Maybe it was a post-traumatic stress reaction. Maybe it was denial.

Oklahoma City Thunder forward Paul George had just been eliminated from the playoffs in five games by way of a 37-foot dagger. Portland Trail Blazers guard Damian Lillard isolated George with no shot clock on and the score tied Tuesday when he side-stepped the lanky Thunder wing, drilled the three at the buzzer and waved goodbye to Oklahoma City’s bench.

What did George have to say about it?

“That’s a bad, bad shot,” he said while sitting next to renowned bad-shot man Russell Westbrook. “I don’t care what anybody says. That’s a bad shot. But hey, he made it. That story won’t be told that it was a bad shot. We live with that.”

Criticizing that take could be out of context if we don’t mention that George also called Lillard’s game-winner a “tough shot,” and we can go into semantics about whether called it a “bad shot” is any different — or whether George meant any disrespect.

But yeah, we’re going to have to pass on his opinion either way. It’s not bad shot when the intention was exacted as planned — shoot ball on a string into hoop — and the evidence exists that shows the outcome is not unusual.

The rules are a little different for Lillard.

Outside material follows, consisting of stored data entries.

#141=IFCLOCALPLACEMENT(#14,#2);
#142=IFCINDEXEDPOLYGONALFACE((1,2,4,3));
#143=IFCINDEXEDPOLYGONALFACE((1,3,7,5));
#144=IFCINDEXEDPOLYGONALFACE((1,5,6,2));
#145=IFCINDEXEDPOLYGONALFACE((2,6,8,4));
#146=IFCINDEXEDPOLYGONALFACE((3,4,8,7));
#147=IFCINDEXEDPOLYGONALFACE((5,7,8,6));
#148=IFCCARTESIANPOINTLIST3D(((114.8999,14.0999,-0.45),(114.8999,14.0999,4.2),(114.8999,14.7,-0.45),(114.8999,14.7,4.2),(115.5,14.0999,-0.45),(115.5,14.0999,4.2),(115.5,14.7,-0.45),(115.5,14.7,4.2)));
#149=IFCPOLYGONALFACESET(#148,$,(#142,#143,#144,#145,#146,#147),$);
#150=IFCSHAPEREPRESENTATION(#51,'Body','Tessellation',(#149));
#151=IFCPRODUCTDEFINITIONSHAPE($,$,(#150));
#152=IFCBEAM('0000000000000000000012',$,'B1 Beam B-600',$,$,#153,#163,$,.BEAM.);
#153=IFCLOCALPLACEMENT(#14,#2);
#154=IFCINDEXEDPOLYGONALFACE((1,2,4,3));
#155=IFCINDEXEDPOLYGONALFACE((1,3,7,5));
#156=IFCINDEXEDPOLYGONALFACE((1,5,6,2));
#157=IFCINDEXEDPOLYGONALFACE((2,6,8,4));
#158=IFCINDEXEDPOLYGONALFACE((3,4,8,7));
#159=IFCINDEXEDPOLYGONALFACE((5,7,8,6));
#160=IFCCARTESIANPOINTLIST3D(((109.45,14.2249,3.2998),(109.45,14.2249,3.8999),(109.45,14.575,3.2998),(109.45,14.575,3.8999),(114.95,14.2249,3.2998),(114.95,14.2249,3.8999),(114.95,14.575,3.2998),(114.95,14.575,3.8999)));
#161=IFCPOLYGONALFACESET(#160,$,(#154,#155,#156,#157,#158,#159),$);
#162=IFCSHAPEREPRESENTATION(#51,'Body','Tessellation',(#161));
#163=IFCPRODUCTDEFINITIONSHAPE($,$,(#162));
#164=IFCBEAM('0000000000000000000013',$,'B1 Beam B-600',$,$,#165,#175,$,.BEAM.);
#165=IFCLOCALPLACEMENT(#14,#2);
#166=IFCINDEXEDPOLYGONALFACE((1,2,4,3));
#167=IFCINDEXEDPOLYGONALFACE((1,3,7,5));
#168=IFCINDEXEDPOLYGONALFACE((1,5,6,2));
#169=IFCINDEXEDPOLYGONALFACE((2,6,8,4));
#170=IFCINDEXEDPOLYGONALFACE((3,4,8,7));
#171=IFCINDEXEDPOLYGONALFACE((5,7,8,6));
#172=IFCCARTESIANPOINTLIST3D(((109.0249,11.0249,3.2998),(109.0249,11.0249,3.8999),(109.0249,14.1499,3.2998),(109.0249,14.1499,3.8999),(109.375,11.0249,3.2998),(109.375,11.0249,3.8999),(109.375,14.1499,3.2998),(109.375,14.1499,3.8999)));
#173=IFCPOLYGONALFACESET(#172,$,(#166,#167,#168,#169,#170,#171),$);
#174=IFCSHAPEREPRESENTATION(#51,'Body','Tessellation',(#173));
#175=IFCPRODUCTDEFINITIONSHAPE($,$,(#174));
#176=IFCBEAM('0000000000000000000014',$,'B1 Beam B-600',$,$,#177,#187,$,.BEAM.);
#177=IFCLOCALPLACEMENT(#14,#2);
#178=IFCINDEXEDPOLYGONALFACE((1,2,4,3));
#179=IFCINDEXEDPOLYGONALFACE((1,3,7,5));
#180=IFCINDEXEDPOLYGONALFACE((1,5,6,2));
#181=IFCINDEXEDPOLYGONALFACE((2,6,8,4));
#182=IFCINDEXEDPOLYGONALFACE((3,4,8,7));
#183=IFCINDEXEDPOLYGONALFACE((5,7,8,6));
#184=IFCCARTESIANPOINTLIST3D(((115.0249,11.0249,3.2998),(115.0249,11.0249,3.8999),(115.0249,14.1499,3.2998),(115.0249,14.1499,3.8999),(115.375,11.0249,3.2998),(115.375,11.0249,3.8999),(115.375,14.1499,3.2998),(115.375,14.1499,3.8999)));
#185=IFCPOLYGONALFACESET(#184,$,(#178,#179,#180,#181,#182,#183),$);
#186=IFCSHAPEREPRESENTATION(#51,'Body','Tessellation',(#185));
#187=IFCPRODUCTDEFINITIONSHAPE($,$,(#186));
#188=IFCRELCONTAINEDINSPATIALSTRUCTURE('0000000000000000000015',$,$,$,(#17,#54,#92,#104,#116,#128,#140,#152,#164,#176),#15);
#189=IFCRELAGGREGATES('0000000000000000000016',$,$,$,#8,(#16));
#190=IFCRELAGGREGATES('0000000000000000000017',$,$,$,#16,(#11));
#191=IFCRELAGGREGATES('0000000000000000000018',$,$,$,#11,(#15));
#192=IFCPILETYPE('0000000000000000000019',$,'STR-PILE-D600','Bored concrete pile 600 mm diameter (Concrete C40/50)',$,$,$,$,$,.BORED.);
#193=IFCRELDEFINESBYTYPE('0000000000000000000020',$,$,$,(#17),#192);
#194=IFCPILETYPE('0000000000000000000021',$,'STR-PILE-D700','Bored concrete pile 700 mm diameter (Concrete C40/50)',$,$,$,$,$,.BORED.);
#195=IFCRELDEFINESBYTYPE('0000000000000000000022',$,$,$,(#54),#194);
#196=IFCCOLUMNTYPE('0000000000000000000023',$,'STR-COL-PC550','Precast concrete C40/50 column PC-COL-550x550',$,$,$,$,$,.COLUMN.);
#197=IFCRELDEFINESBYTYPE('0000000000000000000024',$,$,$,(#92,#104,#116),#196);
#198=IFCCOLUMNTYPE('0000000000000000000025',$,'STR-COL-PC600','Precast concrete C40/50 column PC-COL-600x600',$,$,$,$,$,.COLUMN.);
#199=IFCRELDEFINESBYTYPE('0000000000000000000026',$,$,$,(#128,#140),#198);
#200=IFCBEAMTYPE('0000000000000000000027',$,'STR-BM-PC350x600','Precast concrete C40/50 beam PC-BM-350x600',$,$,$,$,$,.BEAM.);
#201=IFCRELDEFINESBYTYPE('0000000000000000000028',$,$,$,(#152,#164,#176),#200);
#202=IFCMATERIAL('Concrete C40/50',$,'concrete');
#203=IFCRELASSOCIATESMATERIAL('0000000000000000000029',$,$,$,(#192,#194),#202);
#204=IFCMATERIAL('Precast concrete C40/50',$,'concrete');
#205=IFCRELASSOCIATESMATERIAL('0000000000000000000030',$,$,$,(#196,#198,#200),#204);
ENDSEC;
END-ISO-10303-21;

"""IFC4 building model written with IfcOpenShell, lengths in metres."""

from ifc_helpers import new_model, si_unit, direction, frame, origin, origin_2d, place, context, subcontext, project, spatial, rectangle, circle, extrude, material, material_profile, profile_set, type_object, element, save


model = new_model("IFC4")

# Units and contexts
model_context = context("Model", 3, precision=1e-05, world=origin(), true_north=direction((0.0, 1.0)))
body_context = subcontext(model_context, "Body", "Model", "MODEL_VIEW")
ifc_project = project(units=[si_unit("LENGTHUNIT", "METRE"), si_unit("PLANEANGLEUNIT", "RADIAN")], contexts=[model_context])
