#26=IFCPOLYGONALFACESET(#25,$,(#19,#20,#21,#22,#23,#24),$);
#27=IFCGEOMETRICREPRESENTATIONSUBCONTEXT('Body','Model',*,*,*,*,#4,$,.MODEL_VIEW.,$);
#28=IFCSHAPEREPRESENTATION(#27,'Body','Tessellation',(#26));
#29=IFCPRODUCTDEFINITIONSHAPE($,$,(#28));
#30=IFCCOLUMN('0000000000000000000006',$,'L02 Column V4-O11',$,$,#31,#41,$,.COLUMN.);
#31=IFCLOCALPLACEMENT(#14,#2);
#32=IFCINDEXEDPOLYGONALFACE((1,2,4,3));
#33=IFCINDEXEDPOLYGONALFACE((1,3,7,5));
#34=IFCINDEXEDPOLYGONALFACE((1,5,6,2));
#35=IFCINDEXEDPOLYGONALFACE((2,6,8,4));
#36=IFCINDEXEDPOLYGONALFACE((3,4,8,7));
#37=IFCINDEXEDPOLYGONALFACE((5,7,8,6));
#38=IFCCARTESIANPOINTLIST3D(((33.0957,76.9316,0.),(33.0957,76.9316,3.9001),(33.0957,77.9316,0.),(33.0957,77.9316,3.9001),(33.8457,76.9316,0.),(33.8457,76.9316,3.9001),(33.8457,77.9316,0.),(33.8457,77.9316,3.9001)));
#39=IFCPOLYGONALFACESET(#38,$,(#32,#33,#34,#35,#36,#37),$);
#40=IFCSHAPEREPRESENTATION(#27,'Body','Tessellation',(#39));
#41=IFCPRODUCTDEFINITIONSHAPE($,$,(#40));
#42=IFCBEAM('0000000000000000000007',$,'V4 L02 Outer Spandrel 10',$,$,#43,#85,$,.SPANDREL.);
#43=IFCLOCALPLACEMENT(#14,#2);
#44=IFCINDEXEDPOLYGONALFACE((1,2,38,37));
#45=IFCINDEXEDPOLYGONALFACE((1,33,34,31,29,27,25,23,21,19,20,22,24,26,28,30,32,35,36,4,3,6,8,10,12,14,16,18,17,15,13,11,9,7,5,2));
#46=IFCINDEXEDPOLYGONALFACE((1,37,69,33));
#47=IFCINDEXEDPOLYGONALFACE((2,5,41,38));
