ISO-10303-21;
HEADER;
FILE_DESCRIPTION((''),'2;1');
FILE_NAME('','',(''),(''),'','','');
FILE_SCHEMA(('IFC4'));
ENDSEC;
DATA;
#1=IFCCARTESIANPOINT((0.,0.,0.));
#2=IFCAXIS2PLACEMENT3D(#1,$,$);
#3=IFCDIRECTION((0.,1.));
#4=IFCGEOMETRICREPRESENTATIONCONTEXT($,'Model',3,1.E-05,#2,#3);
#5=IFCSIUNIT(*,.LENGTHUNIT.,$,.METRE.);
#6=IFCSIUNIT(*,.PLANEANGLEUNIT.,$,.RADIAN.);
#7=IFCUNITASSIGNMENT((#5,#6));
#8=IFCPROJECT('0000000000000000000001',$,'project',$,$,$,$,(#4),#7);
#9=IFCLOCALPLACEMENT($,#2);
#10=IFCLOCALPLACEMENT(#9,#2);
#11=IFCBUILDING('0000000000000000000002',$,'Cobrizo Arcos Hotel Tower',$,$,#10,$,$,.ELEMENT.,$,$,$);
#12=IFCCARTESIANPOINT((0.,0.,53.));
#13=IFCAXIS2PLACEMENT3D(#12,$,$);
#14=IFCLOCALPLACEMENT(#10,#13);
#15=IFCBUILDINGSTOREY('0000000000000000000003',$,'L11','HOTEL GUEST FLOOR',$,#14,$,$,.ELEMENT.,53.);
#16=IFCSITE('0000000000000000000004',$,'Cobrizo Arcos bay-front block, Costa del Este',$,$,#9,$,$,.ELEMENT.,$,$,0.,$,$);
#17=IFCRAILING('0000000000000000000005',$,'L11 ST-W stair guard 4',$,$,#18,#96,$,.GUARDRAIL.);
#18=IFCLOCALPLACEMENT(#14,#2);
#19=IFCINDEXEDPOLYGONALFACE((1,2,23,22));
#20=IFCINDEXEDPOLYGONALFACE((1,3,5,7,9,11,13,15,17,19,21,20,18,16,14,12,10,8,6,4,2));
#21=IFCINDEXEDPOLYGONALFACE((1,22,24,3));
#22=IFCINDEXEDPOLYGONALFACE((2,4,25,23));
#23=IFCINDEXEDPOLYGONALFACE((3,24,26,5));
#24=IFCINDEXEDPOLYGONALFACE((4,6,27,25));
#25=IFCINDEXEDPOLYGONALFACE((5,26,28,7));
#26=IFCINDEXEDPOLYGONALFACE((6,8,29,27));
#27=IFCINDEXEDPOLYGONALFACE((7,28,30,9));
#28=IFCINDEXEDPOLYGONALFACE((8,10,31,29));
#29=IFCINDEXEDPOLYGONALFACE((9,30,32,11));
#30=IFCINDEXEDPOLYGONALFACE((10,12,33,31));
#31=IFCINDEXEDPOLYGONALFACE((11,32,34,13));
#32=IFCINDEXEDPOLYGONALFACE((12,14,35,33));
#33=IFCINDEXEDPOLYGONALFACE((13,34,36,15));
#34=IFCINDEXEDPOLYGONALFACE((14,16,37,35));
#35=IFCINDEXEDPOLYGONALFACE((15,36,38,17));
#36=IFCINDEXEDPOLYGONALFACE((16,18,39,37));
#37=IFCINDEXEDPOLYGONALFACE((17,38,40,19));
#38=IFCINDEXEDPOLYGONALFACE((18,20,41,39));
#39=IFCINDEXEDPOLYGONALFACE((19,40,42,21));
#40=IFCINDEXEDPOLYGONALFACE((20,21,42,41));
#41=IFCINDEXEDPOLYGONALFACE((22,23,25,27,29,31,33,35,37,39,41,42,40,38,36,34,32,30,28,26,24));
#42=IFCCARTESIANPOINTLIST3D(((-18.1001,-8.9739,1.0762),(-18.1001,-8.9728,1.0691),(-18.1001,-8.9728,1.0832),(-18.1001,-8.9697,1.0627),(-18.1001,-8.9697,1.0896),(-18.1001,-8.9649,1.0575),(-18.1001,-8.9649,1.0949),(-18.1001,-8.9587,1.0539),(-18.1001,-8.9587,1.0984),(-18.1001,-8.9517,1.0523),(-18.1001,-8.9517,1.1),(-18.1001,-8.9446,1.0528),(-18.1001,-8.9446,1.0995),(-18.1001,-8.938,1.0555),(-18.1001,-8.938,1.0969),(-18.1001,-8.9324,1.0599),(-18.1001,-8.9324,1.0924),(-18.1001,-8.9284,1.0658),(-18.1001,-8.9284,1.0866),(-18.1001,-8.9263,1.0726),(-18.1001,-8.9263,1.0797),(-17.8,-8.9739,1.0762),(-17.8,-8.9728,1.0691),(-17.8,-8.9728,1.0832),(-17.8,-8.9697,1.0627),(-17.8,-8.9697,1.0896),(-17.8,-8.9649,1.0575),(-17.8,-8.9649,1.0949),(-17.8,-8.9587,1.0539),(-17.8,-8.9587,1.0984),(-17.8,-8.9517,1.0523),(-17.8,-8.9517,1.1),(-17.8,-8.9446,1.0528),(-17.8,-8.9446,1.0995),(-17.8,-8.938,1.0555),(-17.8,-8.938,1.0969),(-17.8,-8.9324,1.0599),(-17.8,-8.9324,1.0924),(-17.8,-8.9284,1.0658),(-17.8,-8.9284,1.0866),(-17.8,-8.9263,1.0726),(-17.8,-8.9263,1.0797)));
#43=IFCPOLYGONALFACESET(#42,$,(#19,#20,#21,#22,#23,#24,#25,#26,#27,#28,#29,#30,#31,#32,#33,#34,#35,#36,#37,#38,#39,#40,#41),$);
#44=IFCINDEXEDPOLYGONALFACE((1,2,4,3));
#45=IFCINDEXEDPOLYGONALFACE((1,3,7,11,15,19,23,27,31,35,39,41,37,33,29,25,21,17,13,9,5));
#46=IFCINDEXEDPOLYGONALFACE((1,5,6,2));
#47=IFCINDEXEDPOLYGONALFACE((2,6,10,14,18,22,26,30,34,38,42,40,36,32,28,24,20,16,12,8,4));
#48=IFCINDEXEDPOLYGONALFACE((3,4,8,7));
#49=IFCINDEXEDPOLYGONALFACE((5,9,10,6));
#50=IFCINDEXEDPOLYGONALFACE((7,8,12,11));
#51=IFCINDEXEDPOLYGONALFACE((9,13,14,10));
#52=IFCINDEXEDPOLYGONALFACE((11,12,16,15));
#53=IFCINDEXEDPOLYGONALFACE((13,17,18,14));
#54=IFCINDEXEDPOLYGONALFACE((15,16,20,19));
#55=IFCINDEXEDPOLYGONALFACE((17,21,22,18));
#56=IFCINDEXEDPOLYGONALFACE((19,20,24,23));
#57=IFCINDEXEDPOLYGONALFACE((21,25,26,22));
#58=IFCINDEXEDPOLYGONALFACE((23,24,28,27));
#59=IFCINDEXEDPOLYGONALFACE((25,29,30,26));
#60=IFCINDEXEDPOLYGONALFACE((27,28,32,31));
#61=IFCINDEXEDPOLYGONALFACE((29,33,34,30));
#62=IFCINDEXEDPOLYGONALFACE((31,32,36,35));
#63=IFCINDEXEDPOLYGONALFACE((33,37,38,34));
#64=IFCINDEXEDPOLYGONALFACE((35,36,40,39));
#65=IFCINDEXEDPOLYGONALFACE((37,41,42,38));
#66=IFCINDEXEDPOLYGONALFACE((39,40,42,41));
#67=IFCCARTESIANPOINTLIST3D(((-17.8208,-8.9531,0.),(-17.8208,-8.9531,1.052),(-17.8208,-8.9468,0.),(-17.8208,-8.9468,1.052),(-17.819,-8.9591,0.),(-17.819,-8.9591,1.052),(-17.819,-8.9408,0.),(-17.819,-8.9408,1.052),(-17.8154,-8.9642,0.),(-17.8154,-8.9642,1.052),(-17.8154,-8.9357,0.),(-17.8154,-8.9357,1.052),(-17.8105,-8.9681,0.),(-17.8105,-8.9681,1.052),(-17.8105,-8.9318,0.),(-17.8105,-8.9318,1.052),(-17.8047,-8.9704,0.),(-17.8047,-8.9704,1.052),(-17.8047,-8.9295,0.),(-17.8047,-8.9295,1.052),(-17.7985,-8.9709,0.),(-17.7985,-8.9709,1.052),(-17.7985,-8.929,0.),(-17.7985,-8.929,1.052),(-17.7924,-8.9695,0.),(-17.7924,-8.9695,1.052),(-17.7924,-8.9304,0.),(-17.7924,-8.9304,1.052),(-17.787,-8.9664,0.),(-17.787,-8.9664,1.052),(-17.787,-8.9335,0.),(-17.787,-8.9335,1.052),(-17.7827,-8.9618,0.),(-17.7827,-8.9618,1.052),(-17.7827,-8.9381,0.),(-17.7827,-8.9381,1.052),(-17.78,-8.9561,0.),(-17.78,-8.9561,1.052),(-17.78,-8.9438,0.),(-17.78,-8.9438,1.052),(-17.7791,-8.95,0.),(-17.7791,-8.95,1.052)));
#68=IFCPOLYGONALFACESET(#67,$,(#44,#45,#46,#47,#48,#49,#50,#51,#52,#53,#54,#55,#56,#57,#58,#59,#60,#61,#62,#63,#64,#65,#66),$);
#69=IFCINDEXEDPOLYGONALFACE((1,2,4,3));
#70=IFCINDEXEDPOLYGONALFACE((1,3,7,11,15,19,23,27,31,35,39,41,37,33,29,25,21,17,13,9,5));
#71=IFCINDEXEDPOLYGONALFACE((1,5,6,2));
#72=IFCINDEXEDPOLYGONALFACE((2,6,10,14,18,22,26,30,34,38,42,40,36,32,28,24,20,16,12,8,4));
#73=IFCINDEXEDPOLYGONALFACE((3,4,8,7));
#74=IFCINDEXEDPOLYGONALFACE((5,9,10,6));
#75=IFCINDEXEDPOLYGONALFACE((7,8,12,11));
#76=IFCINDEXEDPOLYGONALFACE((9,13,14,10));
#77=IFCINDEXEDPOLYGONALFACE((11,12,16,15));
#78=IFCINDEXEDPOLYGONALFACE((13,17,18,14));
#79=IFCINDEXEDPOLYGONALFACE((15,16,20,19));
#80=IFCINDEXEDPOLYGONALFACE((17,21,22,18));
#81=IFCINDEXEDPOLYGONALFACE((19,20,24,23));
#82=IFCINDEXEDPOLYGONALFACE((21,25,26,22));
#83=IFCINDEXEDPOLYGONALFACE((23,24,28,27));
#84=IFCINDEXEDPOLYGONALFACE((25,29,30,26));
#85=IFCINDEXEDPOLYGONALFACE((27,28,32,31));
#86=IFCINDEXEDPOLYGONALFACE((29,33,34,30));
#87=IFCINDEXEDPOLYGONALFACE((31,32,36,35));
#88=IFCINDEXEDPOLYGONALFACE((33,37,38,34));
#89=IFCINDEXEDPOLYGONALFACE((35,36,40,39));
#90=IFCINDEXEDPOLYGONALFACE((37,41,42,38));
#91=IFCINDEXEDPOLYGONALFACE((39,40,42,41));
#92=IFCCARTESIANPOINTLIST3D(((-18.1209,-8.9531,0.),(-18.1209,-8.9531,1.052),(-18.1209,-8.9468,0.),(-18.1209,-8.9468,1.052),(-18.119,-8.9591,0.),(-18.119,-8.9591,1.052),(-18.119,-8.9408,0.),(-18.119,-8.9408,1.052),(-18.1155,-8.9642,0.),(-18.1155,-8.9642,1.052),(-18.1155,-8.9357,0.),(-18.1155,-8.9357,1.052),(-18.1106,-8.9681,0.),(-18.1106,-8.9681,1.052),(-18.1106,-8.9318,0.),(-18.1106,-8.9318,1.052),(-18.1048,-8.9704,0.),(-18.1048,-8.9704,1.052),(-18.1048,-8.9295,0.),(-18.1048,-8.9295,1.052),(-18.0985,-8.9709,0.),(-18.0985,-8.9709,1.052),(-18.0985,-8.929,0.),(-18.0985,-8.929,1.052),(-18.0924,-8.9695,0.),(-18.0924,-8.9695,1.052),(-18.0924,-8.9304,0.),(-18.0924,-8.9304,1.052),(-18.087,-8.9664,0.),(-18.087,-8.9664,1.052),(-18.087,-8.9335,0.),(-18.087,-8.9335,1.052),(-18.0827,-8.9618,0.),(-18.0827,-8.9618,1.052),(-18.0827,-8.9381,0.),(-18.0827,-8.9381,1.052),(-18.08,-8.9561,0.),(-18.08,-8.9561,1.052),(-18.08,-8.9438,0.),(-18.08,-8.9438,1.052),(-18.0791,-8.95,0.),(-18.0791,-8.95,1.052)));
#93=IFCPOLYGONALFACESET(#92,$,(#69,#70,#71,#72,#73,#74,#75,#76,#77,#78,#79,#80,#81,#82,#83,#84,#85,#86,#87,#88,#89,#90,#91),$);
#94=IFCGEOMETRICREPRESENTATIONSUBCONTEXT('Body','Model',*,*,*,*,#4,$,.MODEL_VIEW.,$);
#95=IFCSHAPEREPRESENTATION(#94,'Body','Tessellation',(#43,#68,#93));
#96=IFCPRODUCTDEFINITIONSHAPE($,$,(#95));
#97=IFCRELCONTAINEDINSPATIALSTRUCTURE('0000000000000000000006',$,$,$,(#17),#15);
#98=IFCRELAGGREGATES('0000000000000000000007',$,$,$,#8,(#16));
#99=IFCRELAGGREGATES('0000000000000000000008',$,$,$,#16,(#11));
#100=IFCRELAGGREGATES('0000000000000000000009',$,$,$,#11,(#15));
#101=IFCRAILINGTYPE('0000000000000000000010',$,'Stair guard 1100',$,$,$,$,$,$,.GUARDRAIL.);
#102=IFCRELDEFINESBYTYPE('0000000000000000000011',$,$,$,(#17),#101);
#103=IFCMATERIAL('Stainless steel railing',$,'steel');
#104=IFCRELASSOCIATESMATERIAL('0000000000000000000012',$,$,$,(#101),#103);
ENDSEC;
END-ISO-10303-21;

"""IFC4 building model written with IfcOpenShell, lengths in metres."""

from ifc_helpers import new_model, si_unit, direction, frame, origin, origin_2d, place, context, subcontext, project, spatial, circle, extrude, material, type_object, element, save


model = new_model("IFC4")

# Units and contexts
model_context = context("Model", 3, precision=1e-05, world=origin(), true_north=direction((0.0, 1.0)))
body_context = subcontext(model_context, "Body", "Model", "MODEL_VIEW")
ifc_project = project(units=[si_unit("LENGTHUNIT", "METRE"), si_unit("PLANEANGLEUNIT", "RADIAN")], contexts=[model_context])

# Site, building, storey
site_placement = place(None, origin())
site = spatial("IfcSite", under=ifc_project, at=site_placement, Name="Cobrizo Arcos bay-front block, Costa del Este", CompositionType="ELEMENT", RefElevation=0.0)
building_placement = place(site_placement, origin())
building = spatial("IfcBuilding", under=site, at=building_placement, Name="Cobrizo Arcos Hotel Tower", CompositionType="ELEMENT")
storey_placement = place(building_placement, frame((0.0, 0.0, 53.0)))
storey = spatial("IfcBuildingStorey", under=building, at=storey_placement, Name="L11", Description="HOTEL GUEST FLOOR", CompositionType="ELEMENT", Elevation=53.0)

# Railing
ifc_material_1 = material(Name="Stainless steel railing", Category="steel")
railing_type_1 = type_object("IfcRailingType", Name="Stair guard 1100", PredefinedType="GUARDRAIL", material=ifc_material_1)
railing_1_placement = place(storey_placement, frame((-17.8, -8.95, 0.0)))
element("IfcRailing", 1, at=railing_1_placement, inside=storey, type_object=railing_type_1, Name="L11 ST-W stair guard 4", PredefinedType="GUARDRAIL", context=body_context, shape_type="SweptSolid", body=[
    extrude(circle(Radius=0.0239, at=origin_2d()), frame((0.0, 0.0, 1.0762), z_axis=(-1.0, 0.0, 0.0), x_axis=(0.0, -1.0, 0.0)), (0.0, 0.0, 1.0), 0.3),
    extrude(circle(Radius=0.021, at=origin_2d()), origin(), (0.0, 0.0, 1.0), 1.052),
    extrude(circle(Radius=0.021, at=origin_2d()), frame((-0.3, 0.0, 0.0)), (0.0, 0.0, 1.0), 1.052),
])

save(model, "model.ifc")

According to ESPN’s Kirk Goldsberry, the Blazers star hit 39.2 percent of shots between 30-40 feet this season. Lillard hit a similar shot from 34 feet in the same game and opened the series hitting one from very, very deep.

And so George’s certainty that it was a bad shot is, well, a tad off base. No matter that George contested it well, he didn’t block it. Then the only context that matters is, “Who is taking that shot?”

The internet agrees with this.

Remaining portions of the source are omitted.